# ER32 Collett Recommendations



## scottkoz (Dec 11, 2019)

During the Midwest Penturners Gathering earlier this year, ER32 Colletts were recommeded for beespoke/kitless penmaking. What ER32 collett brands and sizes are recommended? In addition, Is USA made better quality than overseas makers? Thanks.


----------



## monophoto (Dec 11, 2019)

This was the subject of a recent discussion on the Woodturner's Resource site.

In order to use collets, you must have a collet chuck.  There are two 'budget' options for collet chucks - the PSI option and the CSUSA 'Apprentice' option.  Both chucks screw directly onto the lathe spindle - the PSI option is dimensioned for a 1"x8PTI spindle, and comes with a 3/4x16TPI adaptor, while the CSUSA chuck is dimensioned for a 1.25"x8TPI spindle and comes with an adapter for 1"x8tpi.   Both are made in China. 

There are other suppliers of screw-on collet chucks - notably Beall.   The Beall chuck is smooth and must be tightened with a spanner wrench.  The PSI and CSUSA chucks are knurled, and it is often possible to tighten them sufficiently by hand; both come with 'tommy bars' if you really need to squeeze down on a piece.  There are also chucks that mount using a morse taper. 
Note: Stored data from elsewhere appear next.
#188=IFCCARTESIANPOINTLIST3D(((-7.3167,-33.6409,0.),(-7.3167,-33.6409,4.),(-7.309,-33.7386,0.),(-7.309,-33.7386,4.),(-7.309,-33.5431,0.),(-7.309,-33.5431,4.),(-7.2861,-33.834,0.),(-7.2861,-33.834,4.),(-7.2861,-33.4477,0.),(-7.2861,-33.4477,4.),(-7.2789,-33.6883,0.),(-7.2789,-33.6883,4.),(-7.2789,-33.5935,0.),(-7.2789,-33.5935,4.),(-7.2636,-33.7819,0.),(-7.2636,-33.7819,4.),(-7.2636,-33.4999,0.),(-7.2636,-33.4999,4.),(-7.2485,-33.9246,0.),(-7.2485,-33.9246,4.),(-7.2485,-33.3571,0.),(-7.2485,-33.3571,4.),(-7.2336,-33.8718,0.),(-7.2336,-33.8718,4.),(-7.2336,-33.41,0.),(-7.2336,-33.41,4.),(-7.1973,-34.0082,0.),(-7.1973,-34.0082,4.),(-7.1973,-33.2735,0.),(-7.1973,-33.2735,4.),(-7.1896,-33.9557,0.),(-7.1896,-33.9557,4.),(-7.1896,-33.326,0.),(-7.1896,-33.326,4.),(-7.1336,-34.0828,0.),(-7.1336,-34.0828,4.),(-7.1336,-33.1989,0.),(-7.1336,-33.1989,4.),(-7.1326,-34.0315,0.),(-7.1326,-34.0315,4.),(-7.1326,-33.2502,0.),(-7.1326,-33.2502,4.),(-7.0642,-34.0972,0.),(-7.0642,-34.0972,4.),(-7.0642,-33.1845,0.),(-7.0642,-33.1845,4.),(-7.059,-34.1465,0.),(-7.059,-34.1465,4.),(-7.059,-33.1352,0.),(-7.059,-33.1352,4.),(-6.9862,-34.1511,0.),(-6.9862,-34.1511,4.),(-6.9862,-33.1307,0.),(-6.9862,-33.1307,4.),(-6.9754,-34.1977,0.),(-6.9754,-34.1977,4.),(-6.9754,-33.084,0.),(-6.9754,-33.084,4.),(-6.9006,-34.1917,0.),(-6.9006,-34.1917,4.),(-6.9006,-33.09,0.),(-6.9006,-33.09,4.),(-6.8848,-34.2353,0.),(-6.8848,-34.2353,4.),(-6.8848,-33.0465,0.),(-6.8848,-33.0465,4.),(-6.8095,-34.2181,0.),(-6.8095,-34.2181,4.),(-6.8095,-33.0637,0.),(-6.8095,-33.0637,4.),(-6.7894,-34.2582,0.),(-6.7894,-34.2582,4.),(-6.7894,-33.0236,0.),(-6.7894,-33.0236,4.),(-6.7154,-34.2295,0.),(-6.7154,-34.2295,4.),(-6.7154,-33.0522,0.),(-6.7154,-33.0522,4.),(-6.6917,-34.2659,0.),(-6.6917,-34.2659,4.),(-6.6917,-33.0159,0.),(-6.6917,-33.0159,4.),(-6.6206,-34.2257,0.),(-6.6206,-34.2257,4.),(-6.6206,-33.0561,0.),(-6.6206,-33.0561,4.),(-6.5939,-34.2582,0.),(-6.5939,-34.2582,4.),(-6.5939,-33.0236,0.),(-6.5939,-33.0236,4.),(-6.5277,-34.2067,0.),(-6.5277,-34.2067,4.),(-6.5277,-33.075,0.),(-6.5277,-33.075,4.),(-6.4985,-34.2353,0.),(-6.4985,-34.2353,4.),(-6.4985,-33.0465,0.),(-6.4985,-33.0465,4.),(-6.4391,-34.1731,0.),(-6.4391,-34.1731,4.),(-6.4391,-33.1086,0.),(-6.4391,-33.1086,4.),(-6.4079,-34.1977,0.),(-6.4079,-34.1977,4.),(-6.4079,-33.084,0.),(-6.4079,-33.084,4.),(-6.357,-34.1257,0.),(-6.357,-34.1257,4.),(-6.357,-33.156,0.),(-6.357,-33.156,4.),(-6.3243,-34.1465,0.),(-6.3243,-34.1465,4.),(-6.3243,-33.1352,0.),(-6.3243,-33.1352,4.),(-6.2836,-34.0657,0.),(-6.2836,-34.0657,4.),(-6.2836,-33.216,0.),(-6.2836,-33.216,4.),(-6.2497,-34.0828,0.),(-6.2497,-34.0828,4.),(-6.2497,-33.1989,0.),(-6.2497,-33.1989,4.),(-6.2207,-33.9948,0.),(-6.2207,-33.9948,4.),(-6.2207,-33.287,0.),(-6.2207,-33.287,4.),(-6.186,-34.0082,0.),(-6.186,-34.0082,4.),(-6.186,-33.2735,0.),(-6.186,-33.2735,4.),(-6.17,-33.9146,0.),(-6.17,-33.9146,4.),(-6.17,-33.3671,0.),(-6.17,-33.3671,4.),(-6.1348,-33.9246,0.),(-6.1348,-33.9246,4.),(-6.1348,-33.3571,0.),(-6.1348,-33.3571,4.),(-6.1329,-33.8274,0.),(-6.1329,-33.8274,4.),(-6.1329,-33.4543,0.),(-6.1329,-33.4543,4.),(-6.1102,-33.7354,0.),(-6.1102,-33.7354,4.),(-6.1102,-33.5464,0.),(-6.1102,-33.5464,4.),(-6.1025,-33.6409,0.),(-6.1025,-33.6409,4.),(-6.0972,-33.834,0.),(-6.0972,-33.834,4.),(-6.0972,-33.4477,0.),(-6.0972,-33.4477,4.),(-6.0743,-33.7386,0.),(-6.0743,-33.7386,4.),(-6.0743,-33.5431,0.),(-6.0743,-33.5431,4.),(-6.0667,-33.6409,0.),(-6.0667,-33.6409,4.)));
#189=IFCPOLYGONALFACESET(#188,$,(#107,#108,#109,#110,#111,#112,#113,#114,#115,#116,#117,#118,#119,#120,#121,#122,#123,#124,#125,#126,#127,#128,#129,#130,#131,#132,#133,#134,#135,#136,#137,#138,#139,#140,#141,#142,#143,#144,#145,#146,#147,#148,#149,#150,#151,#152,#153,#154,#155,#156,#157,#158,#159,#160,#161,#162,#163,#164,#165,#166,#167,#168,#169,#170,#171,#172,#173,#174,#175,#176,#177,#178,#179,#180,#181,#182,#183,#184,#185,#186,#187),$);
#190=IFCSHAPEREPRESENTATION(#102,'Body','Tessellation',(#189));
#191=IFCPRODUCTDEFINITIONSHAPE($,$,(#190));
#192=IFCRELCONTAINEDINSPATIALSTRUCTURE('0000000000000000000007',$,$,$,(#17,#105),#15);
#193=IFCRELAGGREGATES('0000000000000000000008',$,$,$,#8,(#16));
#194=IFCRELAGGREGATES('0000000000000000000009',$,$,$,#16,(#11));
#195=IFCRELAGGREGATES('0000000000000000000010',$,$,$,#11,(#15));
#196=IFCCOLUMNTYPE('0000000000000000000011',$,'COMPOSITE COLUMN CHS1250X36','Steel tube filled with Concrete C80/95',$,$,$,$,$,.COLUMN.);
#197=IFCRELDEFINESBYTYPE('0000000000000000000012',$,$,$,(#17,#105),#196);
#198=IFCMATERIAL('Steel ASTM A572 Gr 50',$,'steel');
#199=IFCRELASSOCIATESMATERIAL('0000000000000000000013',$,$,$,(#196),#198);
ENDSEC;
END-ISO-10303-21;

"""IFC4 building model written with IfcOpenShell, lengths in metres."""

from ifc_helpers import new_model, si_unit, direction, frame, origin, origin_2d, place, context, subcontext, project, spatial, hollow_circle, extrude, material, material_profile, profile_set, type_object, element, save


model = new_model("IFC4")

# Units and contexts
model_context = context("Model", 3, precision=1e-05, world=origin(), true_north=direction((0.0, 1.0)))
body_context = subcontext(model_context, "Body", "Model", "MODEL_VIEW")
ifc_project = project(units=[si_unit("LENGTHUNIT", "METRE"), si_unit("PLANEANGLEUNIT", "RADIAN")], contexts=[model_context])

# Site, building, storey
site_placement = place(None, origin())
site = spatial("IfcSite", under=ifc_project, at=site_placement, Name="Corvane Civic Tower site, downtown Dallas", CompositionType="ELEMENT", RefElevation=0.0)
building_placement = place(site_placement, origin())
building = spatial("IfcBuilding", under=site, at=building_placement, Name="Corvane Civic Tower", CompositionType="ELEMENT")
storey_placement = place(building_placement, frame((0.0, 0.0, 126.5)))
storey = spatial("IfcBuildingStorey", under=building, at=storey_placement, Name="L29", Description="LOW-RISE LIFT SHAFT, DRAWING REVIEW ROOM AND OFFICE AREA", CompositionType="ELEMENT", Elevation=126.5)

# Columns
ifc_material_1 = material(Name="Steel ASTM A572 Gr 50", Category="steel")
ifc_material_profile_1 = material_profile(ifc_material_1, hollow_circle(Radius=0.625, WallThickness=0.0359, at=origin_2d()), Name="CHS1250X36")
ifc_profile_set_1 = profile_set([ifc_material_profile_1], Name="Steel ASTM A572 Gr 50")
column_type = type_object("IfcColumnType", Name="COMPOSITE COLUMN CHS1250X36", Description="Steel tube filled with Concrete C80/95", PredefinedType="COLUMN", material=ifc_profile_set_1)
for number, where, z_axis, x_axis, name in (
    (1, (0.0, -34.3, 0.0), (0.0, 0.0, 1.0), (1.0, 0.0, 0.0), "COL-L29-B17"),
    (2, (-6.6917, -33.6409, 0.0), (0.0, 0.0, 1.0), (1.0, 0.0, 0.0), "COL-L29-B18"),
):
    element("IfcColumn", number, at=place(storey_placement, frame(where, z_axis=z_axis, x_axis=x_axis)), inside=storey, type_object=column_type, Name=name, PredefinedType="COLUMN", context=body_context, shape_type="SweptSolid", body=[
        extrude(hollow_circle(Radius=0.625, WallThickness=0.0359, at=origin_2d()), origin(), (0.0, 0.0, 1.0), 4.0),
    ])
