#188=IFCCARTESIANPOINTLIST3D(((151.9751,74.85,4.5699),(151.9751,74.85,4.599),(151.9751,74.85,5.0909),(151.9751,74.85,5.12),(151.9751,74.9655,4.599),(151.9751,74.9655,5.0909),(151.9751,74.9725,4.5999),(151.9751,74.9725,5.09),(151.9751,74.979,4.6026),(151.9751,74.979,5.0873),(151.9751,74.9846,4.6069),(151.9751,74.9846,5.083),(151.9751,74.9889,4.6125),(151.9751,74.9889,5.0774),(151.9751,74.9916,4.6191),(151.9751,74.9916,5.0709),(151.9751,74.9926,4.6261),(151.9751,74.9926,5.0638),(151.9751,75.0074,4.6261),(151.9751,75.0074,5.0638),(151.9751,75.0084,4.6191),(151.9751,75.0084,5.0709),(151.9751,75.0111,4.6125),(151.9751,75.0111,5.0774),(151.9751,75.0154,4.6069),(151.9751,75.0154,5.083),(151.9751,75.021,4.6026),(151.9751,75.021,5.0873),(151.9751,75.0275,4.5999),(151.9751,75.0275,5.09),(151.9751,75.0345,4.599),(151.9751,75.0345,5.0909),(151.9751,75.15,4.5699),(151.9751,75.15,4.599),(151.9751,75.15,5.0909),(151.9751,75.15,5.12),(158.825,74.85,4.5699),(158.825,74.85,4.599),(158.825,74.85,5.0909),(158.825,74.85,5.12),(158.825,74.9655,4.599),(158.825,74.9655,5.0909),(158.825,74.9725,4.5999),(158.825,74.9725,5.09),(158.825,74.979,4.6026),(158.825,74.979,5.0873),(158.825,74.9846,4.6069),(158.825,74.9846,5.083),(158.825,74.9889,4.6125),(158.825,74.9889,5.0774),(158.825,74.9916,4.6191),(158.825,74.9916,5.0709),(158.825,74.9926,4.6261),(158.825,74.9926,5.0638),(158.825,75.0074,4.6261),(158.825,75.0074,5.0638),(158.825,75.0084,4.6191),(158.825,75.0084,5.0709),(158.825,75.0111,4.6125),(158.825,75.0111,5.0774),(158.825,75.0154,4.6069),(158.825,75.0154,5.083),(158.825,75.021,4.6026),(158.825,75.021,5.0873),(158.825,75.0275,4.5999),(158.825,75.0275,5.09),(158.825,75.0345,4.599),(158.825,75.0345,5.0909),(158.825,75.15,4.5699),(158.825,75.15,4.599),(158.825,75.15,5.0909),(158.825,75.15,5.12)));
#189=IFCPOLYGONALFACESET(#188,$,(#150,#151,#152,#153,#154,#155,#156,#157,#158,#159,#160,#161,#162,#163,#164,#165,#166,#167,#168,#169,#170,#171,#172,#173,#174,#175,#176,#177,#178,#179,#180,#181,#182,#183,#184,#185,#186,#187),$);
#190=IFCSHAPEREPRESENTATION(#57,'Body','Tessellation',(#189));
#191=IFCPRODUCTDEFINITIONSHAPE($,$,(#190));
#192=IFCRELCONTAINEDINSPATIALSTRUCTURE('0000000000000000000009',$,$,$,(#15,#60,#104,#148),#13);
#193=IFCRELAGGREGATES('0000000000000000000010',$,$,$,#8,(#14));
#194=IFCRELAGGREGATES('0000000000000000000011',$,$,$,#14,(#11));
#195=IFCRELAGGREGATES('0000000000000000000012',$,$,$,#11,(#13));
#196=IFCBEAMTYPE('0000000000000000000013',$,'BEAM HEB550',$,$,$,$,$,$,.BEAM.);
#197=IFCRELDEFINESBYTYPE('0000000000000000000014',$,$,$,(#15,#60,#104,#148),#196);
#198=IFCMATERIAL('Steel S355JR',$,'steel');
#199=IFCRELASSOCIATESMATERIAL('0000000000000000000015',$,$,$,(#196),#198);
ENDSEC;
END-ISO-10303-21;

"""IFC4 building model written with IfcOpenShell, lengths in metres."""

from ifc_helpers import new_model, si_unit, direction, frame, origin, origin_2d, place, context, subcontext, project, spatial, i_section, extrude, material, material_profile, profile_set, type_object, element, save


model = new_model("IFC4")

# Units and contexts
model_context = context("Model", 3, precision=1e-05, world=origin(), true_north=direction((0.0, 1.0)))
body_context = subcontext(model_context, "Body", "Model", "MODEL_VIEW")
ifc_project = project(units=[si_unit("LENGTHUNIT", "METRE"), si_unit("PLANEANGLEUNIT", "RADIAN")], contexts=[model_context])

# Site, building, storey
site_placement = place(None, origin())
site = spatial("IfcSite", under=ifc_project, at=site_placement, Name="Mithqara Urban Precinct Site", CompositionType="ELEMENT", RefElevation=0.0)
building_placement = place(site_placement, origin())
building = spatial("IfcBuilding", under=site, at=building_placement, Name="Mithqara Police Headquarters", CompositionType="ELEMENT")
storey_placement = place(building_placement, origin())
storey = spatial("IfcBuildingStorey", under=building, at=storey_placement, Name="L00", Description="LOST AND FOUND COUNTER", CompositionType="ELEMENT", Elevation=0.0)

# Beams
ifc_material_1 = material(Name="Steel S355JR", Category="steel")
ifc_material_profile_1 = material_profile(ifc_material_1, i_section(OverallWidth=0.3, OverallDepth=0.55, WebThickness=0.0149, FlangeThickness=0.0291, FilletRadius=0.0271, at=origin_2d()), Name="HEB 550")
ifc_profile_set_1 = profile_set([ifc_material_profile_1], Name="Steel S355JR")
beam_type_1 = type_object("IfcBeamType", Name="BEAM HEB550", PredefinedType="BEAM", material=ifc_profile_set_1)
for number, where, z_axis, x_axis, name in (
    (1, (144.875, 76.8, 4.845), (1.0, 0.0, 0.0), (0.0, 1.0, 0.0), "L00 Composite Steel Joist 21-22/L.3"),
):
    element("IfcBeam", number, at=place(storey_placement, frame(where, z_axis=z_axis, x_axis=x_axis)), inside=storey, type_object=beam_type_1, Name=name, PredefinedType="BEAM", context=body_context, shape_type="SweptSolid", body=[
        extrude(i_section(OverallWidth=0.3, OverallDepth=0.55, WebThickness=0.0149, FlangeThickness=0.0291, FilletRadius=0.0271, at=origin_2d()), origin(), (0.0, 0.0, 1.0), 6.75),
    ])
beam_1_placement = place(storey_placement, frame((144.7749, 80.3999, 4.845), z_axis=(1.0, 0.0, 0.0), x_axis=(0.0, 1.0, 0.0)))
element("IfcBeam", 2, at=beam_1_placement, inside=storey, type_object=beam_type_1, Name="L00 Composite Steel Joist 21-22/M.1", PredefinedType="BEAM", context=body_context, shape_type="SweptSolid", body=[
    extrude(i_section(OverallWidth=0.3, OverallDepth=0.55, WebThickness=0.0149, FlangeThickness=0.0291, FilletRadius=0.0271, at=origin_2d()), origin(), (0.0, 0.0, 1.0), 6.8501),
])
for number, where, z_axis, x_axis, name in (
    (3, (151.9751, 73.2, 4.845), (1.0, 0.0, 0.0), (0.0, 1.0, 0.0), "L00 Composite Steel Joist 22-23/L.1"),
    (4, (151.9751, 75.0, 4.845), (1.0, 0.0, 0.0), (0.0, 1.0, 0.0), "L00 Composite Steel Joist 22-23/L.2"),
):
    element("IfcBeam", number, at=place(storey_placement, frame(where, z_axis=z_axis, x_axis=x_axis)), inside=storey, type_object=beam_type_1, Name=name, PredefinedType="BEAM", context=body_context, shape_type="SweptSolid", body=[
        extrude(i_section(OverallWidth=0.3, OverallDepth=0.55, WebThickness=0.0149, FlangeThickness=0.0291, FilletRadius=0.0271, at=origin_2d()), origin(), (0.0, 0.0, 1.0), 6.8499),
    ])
The second consideration is to decide between imperial or metric dimensioned collets.  A critical point to understand about collets is that the nominal dimension of a collet is the maximum diameter it can grip, and most collets (both metric and imperial) have a working range of about 1mm.    The PSI and CSUSA chucks come in sets that include five imperial collets in 1/8" steps between 1/4" and 3/4".  For many people that's good enough - you just turn whatever you are making to have a matching diameter.  But you can purchase imperial collets in 1/64" increments if you need to fill in the gaps, or you can purchase collets in metric dimensions in 1mm increments. 

I have the PSI set and have been very happy with it.  I have not found having gaps in the clamping range to be a problem - YMMV.   I separately purchased two additional collets - 1/8" and 20mm so that I have a slightly broader range of options.   Incidentally, the two additional collets came from China and seem to be fine.  I'm sure that US made collets would be better (and more expensive), but I'm not a professional machinist and I can't justify the cost of something more expensive for my occasional use.

There are two helpful documents in the IAP library that discuss collets and collet chucks - 


			http://content.penturners.org/library/tools_and_jigs/colletchuckusage.pdf
		



			http://content.penturners.org/library/general_reference/er32_collet_dims.pdf


----------



## 1shootist (Dec 11, 2019)

For my metal lathe, I bought the cheapest priced set I could find on ebay about 3 years ago...it came with 11 piece collets and a mt2 collet chuck for my lathe. I have used it relentlessly since and it still holds true.
I'm sure a USA made set would offer more quality and such but the one I have serves me fine.

For my wood lathe, I bought the PSI set, comes with 5 collets and 2 adapters 1" x 8tpi & 3/4" x 16tpi for the chuck head. It too has worked fine .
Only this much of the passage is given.